A Diretoria de Rotas Aéreas iniciou em 1968 o armazenamento dos dados
meteorológicos históricos em cartões perfurados, visando
atender os compromisso internacionais assumidos em função da
necessidade de fornecer apoio climatológico às operações
aéreas, às pesquisas meteorológicas e à infra-estrutura
Aeronáutica.
Em continuidade a esse trabalho e visando publicar o Atlas Climatológico
dos Aeródromos Brasileiros, teve início, em 1972, na atual Divisão
de Ciências Atmosféricas (IAE) do Instituto de Aeronáutica
e Espaço (IAE), o Projeto Climatologia Aeronáutica.

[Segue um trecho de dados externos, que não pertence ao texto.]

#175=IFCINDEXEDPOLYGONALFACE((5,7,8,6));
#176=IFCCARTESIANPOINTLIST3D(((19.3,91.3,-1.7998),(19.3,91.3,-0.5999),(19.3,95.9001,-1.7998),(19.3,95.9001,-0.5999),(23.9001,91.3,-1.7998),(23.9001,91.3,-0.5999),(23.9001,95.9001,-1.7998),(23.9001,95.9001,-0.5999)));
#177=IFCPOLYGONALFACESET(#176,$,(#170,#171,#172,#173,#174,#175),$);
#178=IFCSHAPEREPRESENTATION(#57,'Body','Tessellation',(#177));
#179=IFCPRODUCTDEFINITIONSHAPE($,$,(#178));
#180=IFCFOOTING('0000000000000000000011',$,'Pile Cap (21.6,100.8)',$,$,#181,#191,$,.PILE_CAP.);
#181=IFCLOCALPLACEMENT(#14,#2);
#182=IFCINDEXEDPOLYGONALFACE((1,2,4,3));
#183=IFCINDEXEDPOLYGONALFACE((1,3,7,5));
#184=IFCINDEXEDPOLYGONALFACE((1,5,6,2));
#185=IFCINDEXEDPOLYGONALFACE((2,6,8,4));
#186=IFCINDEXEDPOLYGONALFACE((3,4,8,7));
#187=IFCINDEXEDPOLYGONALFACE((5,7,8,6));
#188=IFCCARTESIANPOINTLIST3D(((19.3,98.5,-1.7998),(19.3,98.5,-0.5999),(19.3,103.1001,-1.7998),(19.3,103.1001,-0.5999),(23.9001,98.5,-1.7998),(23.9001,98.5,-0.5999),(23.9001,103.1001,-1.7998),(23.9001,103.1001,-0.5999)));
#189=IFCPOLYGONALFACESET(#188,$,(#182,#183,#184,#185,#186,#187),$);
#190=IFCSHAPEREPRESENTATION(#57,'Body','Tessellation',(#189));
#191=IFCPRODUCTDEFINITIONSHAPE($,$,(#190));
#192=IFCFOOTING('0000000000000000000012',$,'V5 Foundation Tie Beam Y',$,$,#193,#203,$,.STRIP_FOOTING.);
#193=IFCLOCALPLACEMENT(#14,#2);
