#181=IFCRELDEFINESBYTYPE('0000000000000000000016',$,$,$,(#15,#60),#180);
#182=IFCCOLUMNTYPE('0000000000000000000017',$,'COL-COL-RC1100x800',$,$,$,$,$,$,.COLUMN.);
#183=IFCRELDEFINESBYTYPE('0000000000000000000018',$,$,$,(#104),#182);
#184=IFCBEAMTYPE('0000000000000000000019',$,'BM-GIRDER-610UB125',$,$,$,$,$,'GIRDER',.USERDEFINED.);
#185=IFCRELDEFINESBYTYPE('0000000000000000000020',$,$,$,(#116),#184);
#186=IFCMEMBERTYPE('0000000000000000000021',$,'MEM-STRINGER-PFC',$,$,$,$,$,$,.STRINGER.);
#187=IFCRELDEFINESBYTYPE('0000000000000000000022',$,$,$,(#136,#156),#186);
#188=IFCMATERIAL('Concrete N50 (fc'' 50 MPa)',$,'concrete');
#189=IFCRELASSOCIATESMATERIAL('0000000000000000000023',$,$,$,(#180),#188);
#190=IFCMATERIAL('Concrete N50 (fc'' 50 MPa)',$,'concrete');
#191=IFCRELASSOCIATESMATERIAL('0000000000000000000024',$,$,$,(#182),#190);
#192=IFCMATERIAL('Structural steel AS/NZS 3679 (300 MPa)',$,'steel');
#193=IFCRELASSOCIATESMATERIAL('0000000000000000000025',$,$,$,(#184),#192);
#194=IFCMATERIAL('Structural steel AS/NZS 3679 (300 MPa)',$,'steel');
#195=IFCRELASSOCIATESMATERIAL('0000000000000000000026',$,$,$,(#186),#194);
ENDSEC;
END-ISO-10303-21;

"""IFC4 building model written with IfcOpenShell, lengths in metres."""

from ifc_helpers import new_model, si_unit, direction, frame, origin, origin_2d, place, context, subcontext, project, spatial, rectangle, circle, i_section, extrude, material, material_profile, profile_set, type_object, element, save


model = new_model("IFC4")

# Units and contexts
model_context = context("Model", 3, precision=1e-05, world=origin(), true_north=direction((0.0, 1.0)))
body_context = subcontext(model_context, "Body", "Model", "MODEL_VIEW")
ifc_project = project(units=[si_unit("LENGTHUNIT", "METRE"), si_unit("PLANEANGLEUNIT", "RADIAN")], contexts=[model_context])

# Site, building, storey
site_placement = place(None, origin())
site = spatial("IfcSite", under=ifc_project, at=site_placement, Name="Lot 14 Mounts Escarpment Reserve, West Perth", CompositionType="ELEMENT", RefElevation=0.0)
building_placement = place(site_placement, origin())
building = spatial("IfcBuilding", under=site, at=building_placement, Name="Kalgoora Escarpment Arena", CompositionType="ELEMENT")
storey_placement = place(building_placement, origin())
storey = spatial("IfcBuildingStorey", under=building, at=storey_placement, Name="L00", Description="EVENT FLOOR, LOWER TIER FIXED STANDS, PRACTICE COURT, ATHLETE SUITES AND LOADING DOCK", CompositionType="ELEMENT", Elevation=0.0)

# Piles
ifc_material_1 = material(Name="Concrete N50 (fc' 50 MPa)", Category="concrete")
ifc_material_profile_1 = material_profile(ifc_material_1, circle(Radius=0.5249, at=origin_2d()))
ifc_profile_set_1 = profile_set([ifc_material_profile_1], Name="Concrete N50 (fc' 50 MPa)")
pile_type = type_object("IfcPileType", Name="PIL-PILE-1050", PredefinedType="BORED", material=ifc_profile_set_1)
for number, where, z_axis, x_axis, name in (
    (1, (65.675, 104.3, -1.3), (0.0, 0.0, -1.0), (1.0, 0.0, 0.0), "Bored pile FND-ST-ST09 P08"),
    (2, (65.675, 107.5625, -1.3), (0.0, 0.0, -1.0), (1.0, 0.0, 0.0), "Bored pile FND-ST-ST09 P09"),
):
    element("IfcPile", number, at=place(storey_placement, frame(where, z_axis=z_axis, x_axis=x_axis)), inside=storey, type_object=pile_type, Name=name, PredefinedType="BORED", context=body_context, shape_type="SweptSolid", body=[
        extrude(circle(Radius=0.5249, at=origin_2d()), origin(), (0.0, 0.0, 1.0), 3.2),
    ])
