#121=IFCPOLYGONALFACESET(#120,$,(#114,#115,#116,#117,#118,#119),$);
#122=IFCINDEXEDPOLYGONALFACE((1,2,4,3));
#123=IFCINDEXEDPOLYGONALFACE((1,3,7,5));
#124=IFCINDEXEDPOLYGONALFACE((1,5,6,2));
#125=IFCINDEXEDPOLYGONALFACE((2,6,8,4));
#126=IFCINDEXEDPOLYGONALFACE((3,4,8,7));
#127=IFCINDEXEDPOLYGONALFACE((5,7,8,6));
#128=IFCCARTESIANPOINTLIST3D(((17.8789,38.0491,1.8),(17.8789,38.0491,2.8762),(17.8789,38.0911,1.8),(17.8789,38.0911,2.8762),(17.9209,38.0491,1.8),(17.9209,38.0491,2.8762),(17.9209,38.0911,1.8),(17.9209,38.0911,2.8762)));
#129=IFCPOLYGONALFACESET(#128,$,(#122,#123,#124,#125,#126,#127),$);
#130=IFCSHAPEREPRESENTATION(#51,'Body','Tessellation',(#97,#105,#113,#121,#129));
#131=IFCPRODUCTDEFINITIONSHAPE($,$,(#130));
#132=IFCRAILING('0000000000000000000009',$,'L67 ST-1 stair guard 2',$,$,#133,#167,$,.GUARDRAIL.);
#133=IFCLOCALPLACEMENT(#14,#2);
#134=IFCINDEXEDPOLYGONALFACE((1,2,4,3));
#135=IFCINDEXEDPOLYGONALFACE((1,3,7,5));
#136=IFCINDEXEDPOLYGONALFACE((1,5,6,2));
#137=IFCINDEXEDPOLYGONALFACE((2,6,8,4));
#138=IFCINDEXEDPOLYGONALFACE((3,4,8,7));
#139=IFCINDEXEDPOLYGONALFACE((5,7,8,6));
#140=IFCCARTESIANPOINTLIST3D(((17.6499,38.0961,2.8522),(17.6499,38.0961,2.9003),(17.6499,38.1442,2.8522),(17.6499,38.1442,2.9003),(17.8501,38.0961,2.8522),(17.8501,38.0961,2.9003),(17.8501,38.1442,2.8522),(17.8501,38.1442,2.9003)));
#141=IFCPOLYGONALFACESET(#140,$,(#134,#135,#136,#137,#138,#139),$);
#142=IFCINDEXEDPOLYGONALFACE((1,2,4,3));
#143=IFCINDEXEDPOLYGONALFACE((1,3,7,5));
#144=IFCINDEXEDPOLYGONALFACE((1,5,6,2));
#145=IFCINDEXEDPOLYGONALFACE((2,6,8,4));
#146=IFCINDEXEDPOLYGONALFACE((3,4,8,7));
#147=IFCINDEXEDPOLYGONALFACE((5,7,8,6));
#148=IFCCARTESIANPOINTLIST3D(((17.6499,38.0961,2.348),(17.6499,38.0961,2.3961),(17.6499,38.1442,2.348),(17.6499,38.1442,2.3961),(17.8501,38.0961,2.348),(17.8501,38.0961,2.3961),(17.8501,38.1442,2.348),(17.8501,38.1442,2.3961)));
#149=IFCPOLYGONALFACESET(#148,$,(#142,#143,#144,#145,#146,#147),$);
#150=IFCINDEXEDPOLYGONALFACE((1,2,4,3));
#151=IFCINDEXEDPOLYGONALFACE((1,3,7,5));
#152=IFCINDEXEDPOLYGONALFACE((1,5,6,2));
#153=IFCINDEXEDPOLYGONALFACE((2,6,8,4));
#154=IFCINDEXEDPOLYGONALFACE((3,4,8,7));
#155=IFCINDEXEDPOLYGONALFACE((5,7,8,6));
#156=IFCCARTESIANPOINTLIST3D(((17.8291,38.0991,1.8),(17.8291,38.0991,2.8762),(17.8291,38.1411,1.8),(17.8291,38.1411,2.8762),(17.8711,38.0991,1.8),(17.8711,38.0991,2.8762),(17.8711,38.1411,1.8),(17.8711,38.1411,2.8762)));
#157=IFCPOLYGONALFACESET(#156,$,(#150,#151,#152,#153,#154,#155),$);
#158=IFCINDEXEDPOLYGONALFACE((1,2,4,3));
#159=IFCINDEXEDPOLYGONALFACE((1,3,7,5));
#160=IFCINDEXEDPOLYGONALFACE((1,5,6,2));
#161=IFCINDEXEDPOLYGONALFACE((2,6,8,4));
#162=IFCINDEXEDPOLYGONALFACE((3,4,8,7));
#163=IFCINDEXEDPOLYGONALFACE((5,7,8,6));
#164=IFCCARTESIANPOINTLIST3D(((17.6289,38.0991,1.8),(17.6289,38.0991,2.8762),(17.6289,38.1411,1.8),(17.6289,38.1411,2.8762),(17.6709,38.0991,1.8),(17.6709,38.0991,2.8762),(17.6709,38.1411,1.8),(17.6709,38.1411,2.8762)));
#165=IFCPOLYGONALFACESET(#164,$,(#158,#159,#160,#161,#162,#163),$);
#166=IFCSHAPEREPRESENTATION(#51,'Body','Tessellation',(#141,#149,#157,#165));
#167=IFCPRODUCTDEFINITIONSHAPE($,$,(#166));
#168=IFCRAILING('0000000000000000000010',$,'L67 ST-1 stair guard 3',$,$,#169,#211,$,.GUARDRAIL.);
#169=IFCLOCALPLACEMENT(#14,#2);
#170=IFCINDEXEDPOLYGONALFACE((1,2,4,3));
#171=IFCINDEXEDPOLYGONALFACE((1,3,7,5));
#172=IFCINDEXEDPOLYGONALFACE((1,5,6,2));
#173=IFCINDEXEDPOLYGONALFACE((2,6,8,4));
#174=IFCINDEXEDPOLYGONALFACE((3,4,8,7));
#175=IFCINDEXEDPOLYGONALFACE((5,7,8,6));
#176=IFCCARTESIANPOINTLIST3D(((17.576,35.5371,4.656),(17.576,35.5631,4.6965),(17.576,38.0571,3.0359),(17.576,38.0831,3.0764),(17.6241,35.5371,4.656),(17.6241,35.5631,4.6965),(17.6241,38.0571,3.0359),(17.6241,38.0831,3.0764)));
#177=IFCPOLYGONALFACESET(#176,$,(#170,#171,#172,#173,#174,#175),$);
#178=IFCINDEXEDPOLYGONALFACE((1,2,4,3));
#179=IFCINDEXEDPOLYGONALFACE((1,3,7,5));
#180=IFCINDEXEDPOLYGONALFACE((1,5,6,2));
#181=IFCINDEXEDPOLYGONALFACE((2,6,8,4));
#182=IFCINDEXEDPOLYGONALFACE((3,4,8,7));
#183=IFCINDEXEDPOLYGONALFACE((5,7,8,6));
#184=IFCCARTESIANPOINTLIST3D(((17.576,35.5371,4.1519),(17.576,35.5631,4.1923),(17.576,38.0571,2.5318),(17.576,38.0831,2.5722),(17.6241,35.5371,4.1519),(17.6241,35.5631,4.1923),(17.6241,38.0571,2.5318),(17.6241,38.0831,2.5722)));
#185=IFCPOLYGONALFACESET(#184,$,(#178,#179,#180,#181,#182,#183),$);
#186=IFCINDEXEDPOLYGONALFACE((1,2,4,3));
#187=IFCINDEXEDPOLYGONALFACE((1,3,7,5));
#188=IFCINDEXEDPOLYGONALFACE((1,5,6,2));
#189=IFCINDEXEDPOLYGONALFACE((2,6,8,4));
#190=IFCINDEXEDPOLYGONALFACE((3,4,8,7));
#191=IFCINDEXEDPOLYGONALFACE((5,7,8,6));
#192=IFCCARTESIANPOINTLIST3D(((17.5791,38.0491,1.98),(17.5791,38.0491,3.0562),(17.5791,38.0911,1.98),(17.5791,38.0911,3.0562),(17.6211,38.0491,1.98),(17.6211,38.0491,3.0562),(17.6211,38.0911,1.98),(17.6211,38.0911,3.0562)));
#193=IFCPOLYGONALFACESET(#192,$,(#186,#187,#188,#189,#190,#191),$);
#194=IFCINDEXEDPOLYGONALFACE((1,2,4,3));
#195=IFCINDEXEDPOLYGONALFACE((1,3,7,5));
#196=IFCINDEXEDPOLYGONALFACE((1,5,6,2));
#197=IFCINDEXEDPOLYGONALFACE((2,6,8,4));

Em 1984, numa terceira fase, passou-se a digitar e a armazenar as informações
meteorológicas históricas, diretamente, em meios magnéticos,
em um minicomputador SISCO MB 8000.
No ano de 1992, essa atividade passou a ser executada, de maneira distribuída,
em microcomputadores.
Em 1993, com a criação do Projeto CLIMAT, em cooperação
com a então Diretoria de Eletrônica e Proteção
ao Vôo (DEPV), teve início a digitação dos dados
meteorológicos registrados a partir de 1992, nos Serviços Regionais
de Proteção ao Vôo (SRPV).
No ano de 1994, a digitação dos dados meteorológicos,
registrados antes de 1992, passou a ser executada pelo então Instituto
de Proteção ao Vôo (IPV), hoje Instituto de Controle do
Espaço Aéreo (ICEA), ficando a microfilmagem dos impressos históricos
a cargo da ACA/IAE. Além disso, o arquivamento das informações
meteorológicas históricas, o controle de qualidade, o desenvolvimento
de softwares aplicativos e a publicação de relatórios
técnicos, ficaram sob responsabilidade tanto do IPV quanto da ACA/IAE.
Também em 1994, a DEPV atribuiu ao IPV a responsabilidade pelo desenvolvimento
do Banco de Dados Climatológicos (BDC) do Sistema de Controle do Espaço
(SISCEAB).
As primeiras atividades no BDC foram iniciadas em 1995, com a formação
da equipe de desenvolvimento e a aquisição da estação
de trabalho Silicon Graphics, para armazenar o Banco de Dados. A referida
fase do projeto foi concluída em 1996.
Em 1997 a antiga estação de trabalho foi substituída
por uma SUN ULTRA 2 , mais moderna, quando foi realizada a primeira transferência
de registros.
Em de 1999, foi contratado um analista de sistemas para o projeto. Nesta época,
foram carregados 11 milhões de registros meteorológicos de superfície
no BDC.
Atualmente, os dados climatológicos históricos estão
sendo digitados nos Centros Integrados de Defesa Aérea e Controle Tráfego
Aéreo (CINDACTA), no SRPV de São Paulo e no ICEA.
Todos os dados digitados, após passarem por testes de qualidade, são
carregados no BDC, em fase final de desenvolvimento no ICEA.